The primary objective of this study is to compare the QVAR-Easi-Breathe 100 mcg/day and
QVAR-Easi-Breathe 200 mcg/day with placebo relative to changes in forced expiratory volume in
1 second (FEV1) results following 12 weeks of treatment. Secondary objectives such as daily
asthma symptoms scores (per week), morning peak expiratory flow (PEF) values, nocturnal
awakening and utilization of rescue medication per day also will be evaluated. In addition,
an exploratory evaluation will assess the comparability of the two devices (i. e.,
QVAR-Easi-Breathe versus QVAR-MDI) at the same dose levels.
Inclusion Criteria:
- Male or female children aged 5 through 11 years at the screening visit
- Documented clinical evidence of asthma (FEV1 = 65-90%)
- Ability to perform acceptable and reproducible spirometry per ATS guidelines
- Ability to perform PEF determinations
- Reversible bronchoconstriction as verified by >12% increase in FEV1
- Otherwise healthy children with clinically-acceptable medical history, physical
examination, vital signs and clinical laboratory parameters within the acceptable
ranges for asthma patients
- The parent or guardian must be willing to give written informed consent as well as the
patient assent and be able to adhere to the dose and visit schedule.
Exclusion Criteria:
- Patients who have used inhaled corticosteroids within 30 days prior to the screening
visit.
- Allergy or sensitivity to beclomethasone dipropionate (BDP) or to other components of
the formulations used in the CTM
- Patients demonstrating an increase or decrease in FEV1 >20% between the screening and
baseline visit.
- Patients who are unable to use a metered dose inhaler (MDI) without a spacer device.
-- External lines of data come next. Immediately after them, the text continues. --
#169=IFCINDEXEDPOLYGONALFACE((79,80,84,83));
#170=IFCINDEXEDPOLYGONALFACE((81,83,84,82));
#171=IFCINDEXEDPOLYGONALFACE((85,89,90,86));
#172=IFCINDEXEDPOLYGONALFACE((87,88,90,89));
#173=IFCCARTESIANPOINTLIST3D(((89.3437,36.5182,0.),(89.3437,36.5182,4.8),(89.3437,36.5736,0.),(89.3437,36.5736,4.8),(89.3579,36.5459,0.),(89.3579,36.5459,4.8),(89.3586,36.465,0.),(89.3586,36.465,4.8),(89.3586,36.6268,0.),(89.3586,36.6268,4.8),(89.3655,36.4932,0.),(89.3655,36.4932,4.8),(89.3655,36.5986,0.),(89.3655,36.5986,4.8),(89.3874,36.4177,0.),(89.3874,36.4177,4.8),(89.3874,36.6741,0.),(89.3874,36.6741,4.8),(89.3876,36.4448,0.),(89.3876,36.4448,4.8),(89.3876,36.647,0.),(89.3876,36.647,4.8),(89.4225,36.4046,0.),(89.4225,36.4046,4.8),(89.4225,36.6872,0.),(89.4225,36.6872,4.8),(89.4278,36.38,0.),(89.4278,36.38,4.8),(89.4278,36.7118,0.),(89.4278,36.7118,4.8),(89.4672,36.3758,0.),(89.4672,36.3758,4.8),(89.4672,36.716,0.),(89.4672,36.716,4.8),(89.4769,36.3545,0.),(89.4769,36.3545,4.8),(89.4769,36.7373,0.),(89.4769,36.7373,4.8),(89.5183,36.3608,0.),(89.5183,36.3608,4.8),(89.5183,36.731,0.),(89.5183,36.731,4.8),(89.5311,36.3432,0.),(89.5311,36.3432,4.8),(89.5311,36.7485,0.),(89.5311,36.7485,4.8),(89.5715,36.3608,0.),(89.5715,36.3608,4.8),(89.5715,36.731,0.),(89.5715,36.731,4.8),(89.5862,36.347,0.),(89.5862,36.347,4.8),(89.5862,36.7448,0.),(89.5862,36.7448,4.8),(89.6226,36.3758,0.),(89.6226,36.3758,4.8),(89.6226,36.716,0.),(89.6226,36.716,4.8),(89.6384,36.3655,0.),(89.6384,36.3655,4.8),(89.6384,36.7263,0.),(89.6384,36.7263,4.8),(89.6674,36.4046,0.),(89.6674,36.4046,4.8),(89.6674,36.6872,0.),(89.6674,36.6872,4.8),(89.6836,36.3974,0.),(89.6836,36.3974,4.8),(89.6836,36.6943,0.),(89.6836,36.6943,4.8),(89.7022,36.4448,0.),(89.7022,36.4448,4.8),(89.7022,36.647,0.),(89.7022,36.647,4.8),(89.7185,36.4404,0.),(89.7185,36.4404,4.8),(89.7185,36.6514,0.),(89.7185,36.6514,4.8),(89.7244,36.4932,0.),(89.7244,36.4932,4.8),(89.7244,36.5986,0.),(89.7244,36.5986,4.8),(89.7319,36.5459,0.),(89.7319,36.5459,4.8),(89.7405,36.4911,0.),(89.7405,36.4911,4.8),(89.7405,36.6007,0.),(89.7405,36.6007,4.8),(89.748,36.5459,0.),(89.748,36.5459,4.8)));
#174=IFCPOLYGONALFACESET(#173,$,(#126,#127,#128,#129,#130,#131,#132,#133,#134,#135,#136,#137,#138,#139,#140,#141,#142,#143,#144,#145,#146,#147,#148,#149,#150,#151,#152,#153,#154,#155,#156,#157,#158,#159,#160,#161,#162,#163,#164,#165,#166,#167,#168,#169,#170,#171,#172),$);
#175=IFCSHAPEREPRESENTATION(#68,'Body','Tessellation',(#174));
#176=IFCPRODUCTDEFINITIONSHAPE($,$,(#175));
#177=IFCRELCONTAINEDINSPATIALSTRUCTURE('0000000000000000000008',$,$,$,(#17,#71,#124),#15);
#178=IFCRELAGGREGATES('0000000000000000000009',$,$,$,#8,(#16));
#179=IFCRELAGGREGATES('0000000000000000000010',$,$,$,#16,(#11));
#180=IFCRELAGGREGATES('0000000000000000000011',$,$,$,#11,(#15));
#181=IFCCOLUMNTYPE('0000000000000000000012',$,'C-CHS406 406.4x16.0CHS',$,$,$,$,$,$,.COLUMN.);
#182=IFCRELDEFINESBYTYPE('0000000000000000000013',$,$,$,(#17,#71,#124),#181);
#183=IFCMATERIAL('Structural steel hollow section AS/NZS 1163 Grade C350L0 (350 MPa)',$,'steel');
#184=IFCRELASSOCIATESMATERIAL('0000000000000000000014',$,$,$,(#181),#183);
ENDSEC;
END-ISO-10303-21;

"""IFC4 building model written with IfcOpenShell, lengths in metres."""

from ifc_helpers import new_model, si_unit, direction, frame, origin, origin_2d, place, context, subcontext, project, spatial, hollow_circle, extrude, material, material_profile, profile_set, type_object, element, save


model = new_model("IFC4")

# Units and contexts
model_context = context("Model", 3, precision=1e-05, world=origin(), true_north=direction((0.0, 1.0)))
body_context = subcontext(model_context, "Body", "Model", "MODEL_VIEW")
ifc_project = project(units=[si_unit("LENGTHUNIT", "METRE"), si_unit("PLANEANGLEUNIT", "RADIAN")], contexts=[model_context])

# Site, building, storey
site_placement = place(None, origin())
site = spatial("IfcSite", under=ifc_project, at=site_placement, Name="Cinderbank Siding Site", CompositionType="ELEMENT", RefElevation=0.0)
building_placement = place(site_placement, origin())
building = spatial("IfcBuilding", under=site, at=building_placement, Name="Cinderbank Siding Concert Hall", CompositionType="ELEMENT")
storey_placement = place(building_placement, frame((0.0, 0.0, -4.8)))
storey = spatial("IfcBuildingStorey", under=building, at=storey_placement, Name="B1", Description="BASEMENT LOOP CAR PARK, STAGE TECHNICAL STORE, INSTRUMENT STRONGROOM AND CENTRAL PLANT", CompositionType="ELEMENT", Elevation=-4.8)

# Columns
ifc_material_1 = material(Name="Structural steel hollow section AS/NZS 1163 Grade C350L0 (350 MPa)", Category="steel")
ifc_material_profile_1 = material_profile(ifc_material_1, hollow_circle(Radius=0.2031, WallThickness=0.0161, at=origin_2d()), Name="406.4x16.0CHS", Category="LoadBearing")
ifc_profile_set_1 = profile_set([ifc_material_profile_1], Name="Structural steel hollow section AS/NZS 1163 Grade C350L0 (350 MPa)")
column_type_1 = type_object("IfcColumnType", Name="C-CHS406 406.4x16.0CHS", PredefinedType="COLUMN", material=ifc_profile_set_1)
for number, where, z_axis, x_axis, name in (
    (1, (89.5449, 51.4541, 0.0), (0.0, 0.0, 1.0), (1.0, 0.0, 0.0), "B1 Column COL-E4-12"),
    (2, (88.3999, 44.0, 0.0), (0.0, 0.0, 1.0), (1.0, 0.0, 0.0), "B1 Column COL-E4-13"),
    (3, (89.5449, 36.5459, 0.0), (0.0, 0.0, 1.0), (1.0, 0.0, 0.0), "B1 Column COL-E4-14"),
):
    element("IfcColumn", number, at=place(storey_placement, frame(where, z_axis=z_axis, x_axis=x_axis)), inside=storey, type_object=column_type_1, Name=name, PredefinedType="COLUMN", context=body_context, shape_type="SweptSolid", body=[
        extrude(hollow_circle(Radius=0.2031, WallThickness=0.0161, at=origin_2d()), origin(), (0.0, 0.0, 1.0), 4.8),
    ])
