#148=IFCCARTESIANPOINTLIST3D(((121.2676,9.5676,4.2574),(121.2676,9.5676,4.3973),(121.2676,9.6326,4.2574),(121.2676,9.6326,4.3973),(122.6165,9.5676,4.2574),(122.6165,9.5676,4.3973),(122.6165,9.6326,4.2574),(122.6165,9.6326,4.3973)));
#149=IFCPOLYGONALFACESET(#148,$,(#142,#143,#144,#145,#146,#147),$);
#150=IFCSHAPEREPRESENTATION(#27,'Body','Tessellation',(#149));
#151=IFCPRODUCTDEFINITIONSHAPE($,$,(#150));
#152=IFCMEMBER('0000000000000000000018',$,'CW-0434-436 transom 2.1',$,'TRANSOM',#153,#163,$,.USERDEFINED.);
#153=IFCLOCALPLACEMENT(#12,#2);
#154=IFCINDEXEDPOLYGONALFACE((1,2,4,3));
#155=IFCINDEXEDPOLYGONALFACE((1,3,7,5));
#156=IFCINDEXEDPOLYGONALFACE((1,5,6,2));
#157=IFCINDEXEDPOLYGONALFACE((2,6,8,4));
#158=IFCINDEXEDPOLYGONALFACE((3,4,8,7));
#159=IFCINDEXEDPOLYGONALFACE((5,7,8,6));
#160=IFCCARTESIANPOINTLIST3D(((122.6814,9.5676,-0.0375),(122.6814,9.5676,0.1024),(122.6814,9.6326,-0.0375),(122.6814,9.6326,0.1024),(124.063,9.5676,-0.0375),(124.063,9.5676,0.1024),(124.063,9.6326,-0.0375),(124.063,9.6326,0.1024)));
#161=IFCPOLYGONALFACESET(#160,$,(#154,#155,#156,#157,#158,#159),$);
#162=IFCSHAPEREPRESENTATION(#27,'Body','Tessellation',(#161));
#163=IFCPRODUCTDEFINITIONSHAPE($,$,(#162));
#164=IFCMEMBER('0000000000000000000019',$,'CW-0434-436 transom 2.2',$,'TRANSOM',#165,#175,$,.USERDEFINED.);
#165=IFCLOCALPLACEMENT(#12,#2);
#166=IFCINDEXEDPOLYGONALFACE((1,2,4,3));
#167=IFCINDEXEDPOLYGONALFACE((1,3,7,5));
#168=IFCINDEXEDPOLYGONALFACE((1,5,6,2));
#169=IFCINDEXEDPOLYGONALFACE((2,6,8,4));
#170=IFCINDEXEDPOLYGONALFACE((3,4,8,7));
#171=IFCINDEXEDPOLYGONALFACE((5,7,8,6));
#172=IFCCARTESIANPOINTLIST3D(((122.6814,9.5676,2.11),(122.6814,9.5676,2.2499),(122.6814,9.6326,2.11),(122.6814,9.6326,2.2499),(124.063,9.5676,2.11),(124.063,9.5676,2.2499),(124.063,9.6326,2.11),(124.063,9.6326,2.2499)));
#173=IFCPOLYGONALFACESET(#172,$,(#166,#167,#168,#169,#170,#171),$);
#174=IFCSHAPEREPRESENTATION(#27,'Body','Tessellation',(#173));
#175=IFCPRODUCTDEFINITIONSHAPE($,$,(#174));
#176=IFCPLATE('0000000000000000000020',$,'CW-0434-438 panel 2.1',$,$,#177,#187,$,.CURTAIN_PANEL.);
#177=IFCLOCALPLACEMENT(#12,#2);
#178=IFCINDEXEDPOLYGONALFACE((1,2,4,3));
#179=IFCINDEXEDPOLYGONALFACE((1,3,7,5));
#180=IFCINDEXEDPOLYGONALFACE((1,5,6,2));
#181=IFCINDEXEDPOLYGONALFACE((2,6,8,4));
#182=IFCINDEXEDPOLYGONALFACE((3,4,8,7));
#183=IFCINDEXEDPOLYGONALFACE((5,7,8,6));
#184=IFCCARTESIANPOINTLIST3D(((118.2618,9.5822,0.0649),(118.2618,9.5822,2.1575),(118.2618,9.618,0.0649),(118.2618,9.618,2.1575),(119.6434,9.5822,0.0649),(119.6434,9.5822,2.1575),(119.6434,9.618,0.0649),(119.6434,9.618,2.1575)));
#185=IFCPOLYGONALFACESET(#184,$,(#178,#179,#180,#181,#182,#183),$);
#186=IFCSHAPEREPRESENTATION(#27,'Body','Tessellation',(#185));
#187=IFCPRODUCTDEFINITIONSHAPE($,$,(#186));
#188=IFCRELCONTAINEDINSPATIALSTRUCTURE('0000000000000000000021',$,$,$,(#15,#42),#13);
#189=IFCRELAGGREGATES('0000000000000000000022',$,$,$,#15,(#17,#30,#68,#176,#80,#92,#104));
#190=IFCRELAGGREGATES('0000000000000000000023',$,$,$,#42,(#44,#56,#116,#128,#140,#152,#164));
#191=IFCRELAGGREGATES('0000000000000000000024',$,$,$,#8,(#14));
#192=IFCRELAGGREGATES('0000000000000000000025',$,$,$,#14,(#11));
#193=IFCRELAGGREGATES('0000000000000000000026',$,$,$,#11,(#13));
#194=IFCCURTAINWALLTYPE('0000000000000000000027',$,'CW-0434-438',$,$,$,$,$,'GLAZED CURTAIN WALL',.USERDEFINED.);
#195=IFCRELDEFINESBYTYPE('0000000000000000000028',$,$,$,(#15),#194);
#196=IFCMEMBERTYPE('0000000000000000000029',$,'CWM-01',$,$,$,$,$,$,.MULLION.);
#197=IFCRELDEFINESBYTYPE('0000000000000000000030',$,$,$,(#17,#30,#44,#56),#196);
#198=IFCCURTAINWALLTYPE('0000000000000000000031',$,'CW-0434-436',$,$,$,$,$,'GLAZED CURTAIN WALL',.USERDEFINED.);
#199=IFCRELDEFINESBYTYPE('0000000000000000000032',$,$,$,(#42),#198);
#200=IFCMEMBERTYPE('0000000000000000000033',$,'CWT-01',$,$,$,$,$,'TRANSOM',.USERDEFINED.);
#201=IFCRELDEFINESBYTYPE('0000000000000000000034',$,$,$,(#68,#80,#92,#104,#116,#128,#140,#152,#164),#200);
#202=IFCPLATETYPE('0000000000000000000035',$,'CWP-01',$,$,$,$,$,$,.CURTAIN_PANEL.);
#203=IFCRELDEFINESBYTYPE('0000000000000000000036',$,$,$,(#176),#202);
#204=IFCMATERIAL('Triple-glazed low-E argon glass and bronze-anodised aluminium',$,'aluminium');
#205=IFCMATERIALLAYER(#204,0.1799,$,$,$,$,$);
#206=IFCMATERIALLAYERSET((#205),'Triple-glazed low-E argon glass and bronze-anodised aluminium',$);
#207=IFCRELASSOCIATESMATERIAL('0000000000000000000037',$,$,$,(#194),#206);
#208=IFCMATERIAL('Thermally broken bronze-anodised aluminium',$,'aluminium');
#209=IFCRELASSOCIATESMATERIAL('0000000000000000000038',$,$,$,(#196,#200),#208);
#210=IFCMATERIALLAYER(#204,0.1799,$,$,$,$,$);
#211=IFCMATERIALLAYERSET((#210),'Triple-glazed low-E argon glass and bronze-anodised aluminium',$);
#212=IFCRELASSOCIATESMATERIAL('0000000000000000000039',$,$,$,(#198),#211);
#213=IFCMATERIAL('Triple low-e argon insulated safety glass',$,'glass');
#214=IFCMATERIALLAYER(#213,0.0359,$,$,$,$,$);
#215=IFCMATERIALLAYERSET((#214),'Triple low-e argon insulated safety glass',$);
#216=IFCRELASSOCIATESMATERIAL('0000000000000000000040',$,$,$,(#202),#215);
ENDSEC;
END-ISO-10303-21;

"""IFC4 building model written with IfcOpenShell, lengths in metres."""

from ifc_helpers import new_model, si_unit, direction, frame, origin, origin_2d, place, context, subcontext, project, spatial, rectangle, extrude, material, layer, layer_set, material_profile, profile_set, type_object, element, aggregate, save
- Patients requiring the use of >12 puffs per day of albuterol for any 3 consecutive
days between the screening and baseline visits.
- Patients with evidence of growth retardation
- Patients who have been treated with methotrexate, cyclosporin, gold or other cytotoxic
agents for the control of asthma or for a concurrent condition within the last 3
months.
- Patients who are receiving escalating doses of immunotherapy, oral immunotherapy or
short course (rush) immunotherapy for rhinitis.
- Patients with evidence (on physical exam) of oropharyngeal candidiasis.
- Exposure to investigational drugs within 30 days prior to the screening visit
- Require continuous treatment with beta blockers MAO inhibitors, tricyclic
antidepressants, anticholinergics, inhaled nedocromil or cromolyn, or nebulized
therapy (excluding sponsor provided albuterol MDI)
- Inability to tolerate or unwillingness to comply with required washout periods for all
applicable medications
- Treatment at any time for life-threatening asthmatic episodes (e. g., episodes
requiring intubation and/or associated with the development of hypercapnia, hypoxia
and seizures, etc.)
- Patients that have received any of the following treatments or met any of the
following conditions within six weeks prior to the screening visit:
- Oral or injectable corticosteroids
- an upper respiratory tract infection and/or sinusitis associated with
exacerbation of asthmatic symptoms
- emergency room treatment or hospitalization for asthmatic symptoms.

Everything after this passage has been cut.